装填が終わらぬうちに死体が迫るが、ロイはそいつを蹴り飛ばし、即座に腐った頭を踏み潰した。ブーツ越しに広がる不快な感触に、舌打ちが漏れる。
「ロイ! こっちに集まってる!」
墓地の中を彷徨っていた死体たちは、境界をたどって唯一の開口部……入口へとふらふら集まり始めていた。
「お嬢様! お下がりを!」
「いいえ、今はおのおのが自ら身を守るべきですわ」
着剣したライフルで死体の額を刺し貫いたハリーの傍らに手を伸ばしてきた別の死者の頭を撃ち抜き、シャーロットは冷静に微笑んで見せた。
そうして装填を終えたカリンと並び立つと、二人は息を合わせたかのように真っすぐに利き腕を伸ばした。
パンッ
銃声が一つに聞こえるほど同じタイミングで飛び出した弾丸は、先頭集団の脳天をそれぞれ貫いた。
「ナイスショット」
「そちらこそ」
二人は短く言葉を交わすと、すぐに次の敵へと狙いを定めた。
墓地の入り口で繰り広げられる光景に、場違いだと知りつつもロイは小さく微笑んだ。
「楽しそうですね」
「俺がか?」
「いえ。あんなに楽しそうなお嬢様は、私も初めて見ました」
「……そいつは結構だな」
ロイもニヤリと笑みを浮かべた。
「で、この騒ぎはいつになったら終わるんだ? 日が昇るまでとは言ってくれるな……よ!」
ロイは背後から気配を殺して近寄ってきた人影に、反射的に銃口を向けた。
だが、その影達は震えながら声を上げる。
「う、撃たないでくれ!」
「お前ら何してる……」
ロイは銃口を向けたまま、一瞬考えこむと溜息をつき、若者たちの背後から歩き寄ってきた死者を仕留めて、ぽつりと呟いた。

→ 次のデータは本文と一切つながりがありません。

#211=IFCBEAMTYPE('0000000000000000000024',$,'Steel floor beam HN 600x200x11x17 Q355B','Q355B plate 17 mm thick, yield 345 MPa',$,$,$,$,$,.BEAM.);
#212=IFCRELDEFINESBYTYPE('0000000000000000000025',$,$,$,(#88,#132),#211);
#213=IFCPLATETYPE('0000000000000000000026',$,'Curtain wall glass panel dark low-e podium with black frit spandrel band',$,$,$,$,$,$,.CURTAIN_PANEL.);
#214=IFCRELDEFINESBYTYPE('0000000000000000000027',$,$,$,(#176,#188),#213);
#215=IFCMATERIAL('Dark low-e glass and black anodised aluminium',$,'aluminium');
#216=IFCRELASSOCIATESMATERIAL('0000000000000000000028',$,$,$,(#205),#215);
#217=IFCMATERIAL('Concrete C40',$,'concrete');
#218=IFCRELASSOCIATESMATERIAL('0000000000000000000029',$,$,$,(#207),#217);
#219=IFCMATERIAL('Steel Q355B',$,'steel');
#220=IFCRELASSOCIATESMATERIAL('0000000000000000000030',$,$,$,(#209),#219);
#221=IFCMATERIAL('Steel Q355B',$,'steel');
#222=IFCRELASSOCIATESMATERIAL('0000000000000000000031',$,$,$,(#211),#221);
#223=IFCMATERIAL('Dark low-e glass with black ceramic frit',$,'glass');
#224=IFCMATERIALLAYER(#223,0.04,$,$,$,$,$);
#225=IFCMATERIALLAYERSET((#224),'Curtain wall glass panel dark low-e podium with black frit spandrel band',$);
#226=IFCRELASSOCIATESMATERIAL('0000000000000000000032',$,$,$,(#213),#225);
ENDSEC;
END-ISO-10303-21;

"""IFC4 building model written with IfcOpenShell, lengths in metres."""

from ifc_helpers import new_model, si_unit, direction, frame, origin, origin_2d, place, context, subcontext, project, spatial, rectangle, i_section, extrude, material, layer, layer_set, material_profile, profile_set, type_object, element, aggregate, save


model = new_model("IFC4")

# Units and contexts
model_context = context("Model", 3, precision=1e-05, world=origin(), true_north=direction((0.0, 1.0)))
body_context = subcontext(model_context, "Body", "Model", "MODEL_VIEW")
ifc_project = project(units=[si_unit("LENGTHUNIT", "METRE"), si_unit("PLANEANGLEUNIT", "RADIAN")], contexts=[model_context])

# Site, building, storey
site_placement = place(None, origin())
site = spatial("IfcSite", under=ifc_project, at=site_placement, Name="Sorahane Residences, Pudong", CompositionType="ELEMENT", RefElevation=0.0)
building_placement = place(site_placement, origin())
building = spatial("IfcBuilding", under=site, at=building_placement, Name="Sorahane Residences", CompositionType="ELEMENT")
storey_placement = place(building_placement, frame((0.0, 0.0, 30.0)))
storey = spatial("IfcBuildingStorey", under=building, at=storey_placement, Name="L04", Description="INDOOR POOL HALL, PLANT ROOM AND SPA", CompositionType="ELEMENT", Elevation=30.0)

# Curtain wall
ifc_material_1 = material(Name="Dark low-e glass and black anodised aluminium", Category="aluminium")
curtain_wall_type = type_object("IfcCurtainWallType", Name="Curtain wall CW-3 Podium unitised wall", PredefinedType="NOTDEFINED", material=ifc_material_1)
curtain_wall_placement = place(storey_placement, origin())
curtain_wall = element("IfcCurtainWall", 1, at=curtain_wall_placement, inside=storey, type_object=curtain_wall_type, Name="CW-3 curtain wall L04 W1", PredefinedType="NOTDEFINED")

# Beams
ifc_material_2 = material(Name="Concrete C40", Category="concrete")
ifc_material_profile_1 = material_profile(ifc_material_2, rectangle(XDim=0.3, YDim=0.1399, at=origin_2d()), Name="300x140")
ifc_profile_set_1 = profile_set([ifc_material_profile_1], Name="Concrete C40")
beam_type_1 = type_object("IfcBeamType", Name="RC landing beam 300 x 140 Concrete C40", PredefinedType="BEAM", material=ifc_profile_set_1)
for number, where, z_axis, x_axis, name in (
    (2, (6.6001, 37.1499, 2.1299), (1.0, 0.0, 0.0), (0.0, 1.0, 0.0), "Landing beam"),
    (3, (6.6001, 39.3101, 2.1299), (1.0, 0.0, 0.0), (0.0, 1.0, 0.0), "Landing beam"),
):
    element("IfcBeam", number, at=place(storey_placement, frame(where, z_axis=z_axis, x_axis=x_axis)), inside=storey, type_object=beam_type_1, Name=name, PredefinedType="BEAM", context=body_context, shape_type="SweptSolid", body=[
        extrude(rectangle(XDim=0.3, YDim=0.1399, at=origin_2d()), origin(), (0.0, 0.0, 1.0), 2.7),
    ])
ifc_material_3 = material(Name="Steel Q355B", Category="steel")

「上でじっとしているように、言われたはずですよね?」
エミリーがまるで幼い子供たちへ言い聞かせるように指を立てるが、若者たちは震えながら首を振った。
「お、俺達アンタらを手伝おうと思って」
「こんなはずじゃなかったんだ!」
「……こいつら人を襲い始めて! 術者の命令に従うはずなのに!」
口々にこんなはずではなかったと涙交じりに告げる若者たちに、ロイは立てかけてあったエミリーのレバーアクションライフルのスリングに足を引っかけて蹴り渡した。
「お前らに内戦は遠い話だろうが、北国雁くらい撃ったことあるだろう? とりあえずそれで十分だ」
「あ、ああ」
「弾はそちらに」
震えながらも頷いた青年に、エミリーは自分のサドルバッグを示しつつ、背後から迫っていた死者を冷静に撃ち抜いた。